Brief Answer: Ajukan pelaporan kepada Pegawai Pengawas Ketenagakerjaan untuk menghitung jumlah tanggung jawab pemberi kerja atas upah lembur yang belum ditunaikan. Bila penetapan Pegawai Pengawas Ketenagakerjaan atas perhitungan jumlah beban kewajiban pengusaha tidak kunjung direalisasi, maka para buruh/pekerja dapat mengajukan gugatan perselisihan hubungan industrial ke hadapan Pengadilan Hubungan Industrial (PHI).
Pengusaha berada pada posisi dominan, sehingga bila buruh/pekerja tidak mendapat surat perintah lembur, namun perintah diberikan secara lisan, dan secara real lembur tersebut adalah demi kepentingan pengusaha, maka buruh/pekerja tetap berhak menuntut upah lembur—inilah yang disebut sebagai “rasionalisasi beban pembuktian” (equity the burden of prove), yakni pihak yang berada dalam posisi dominan tetap dibebani beban pembuktian meski diposisikan sebagai Tergugat.
PEMBAHASAN:
Dalam putusan Mahkamah Agung RI tingkat kasasi sengketa hubungan industrial register perkara Nomor 809 K/Pdt.Sus-PHI/2015 tanggal 12 Januari 2016, antara:
- PT ARTAWA INDONESIA, sebagai Pemohon Kasasi, semula Tergugat; melawan
- 81 orang pekerja, sebagai Termohon Kasasi, semula Penggugat.
Selama bekerja di perusahaan PT. ARTAWA INDONESIA milik Tergugat, dibelakang hari baru diketahui bila besaran upah yang dibayarkan Tergugat kepada Penggugat di bawah ketentuan ketentuan Undang-undang Nomor 13 Tahun 2003 tentang Ketenagakerjaan jo. Peraturan Gubernur Nomor 72 Tahun 2014 tentang Upah Minimum Kabupaten Kota di Jawa Timur Tahun 2015 karena adanya penerapan komposisi antara upah, tunjangan tetap, dan tunjangan tidak tetap yang tidak sesuai.
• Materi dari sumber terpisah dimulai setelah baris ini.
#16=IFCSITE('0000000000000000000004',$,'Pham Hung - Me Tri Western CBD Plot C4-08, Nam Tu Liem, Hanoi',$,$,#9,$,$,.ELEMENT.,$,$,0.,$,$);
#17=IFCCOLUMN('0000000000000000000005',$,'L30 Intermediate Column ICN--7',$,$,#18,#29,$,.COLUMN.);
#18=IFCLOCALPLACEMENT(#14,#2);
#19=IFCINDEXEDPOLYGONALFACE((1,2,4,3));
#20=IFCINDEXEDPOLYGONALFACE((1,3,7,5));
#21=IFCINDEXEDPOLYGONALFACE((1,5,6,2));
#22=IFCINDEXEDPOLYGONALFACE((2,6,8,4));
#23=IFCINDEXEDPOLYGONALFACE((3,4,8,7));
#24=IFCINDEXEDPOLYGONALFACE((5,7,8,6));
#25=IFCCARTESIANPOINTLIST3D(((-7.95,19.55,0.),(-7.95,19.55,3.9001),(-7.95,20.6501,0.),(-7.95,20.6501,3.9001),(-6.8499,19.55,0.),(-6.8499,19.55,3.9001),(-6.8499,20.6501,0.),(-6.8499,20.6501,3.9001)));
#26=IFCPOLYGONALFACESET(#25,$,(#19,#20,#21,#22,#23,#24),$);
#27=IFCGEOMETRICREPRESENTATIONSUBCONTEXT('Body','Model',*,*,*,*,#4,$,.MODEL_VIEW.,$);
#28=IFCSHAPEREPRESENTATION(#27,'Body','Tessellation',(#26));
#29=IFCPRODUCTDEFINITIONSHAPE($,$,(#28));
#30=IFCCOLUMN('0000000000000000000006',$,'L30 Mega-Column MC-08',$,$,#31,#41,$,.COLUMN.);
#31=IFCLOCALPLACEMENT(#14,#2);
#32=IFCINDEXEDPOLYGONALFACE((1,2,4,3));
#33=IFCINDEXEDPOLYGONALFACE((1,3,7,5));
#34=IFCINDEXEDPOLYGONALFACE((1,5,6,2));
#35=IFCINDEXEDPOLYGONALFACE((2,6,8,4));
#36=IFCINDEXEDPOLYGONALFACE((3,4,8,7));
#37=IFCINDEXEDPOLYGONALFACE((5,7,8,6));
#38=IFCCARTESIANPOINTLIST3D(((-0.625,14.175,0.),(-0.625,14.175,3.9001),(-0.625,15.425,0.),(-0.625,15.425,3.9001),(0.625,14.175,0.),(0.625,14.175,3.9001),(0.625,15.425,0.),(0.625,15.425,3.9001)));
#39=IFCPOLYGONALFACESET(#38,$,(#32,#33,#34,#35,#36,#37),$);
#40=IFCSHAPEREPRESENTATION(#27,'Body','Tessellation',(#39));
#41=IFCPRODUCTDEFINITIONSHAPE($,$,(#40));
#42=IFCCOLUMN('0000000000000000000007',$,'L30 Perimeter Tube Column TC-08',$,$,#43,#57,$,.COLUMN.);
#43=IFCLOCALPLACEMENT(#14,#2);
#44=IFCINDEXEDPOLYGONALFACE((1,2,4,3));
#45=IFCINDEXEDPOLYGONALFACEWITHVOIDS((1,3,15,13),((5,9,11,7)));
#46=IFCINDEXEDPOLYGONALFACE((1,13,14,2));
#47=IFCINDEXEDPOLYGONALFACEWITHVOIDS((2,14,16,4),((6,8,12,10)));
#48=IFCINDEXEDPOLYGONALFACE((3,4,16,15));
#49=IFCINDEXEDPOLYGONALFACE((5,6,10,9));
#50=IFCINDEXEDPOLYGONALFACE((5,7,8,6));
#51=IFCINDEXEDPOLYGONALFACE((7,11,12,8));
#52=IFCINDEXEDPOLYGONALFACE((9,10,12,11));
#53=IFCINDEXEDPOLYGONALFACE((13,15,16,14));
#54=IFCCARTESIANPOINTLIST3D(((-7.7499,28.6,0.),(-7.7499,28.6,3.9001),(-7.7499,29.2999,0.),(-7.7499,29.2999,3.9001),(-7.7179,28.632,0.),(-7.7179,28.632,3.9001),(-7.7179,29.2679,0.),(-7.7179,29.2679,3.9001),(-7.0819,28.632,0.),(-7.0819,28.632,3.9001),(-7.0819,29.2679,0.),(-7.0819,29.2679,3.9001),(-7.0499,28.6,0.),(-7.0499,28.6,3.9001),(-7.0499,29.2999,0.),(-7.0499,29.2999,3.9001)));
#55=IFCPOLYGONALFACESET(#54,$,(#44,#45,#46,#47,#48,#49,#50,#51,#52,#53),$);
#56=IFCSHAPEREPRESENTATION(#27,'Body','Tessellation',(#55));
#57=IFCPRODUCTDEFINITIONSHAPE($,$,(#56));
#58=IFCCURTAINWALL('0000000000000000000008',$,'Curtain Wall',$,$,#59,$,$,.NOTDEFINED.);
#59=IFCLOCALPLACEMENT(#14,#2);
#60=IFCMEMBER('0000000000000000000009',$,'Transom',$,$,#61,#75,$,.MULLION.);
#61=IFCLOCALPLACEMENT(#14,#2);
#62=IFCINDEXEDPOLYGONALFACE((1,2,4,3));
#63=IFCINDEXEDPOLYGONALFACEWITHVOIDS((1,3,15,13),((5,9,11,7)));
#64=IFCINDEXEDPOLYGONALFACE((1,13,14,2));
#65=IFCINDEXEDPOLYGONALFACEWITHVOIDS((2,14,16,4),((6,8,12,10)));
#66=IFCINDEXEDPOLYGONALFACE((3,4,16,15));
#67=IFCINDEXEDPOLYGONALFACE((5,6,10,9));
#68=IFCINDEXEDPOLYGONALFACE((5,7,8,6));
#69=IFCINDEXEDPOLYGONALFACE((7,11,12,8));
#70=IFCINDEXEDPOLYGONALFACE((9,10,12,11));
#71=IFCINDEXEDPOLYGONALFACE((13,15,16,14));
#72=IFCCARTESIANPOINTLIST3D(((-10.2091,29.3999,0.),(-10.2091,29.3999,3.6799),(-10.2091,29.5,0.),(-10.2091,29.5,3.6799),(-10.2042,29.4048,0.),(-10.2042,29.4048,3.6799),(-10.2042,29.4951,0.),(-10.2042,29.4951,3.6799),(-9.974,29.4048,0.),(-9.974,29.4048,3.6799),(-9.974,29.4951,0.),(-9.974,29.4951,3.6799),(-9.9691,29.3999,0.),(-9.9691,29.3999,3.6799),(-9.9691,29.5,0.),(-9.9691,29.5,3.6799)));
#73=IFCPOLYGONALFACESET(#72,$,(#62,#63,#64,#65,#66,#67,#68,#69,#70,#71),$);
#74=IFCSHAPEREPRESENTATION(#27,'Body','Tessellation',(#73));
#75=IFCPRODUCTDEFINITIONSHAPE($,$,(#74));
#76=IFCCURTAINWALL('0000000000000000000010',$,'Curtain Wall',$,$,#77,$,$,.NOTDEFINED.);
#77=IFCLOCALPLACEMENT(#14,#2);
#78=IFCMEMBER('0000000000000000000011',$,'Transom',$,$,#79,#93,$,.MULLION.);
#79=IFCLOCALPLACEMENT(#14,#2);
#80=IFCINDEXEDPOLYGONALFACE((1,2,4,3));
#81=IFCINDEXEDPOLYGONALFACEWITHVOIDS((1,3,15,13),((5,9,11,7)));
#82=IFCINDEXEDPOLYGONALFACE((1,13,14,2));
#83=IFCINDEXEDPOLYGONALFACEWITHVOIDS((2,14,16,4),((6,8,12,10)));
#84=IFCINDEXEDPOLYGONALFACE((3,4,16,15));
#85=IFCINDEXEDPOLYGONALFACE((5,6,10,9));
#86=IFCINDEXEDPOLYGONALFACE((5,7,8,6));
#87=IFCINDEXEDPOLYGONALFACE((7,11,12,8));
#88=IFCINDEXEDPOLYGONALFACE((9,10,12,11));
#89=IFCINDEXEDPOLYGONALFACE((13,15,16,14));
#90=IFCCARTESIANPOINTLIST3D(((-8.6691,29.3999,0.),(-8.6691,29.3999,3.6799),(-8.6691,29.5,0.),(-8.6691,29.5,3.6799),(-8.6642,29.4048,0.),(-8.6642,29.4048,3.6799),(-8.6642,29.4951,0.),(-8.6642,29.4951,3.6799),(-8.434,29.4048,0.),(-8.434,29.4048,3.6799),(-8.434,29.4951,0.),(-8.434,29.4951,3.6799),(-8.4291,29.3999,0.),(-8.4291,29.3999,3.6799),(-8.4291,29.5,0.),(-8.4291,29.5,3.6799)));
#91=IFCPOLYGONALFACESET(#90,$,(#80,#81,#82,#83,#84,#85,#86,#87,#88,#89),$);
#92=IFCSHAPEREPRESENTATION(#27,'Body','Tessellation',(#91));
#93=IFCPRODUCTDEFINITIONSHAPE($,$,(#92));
Berawal dari permasalahan hak normatif tersebut, Penggugat membuat Surat Pengaduan kepada Disnaker (Dinas Tenaga Kerja) Kabupaten Gresik agar Pegawai Pengawas Ketenagakerjaan menindaklanjuti pelanggaran Normatif terhadap hak–hak Penggugat oleh Tergugat yaitu diantaranya Tergugat membayar upah Penggugat masing-masing di bawah ketentuan Upah Minimum Kabupaten Gresik, perhitungan upah lembur tidak sesuai dengan ketentuan Undang-undang yang berlaku, serta Kontrak Kerja Waktu Tertentu yang terus-menerus tanpa henti hingga bertahun-tahun.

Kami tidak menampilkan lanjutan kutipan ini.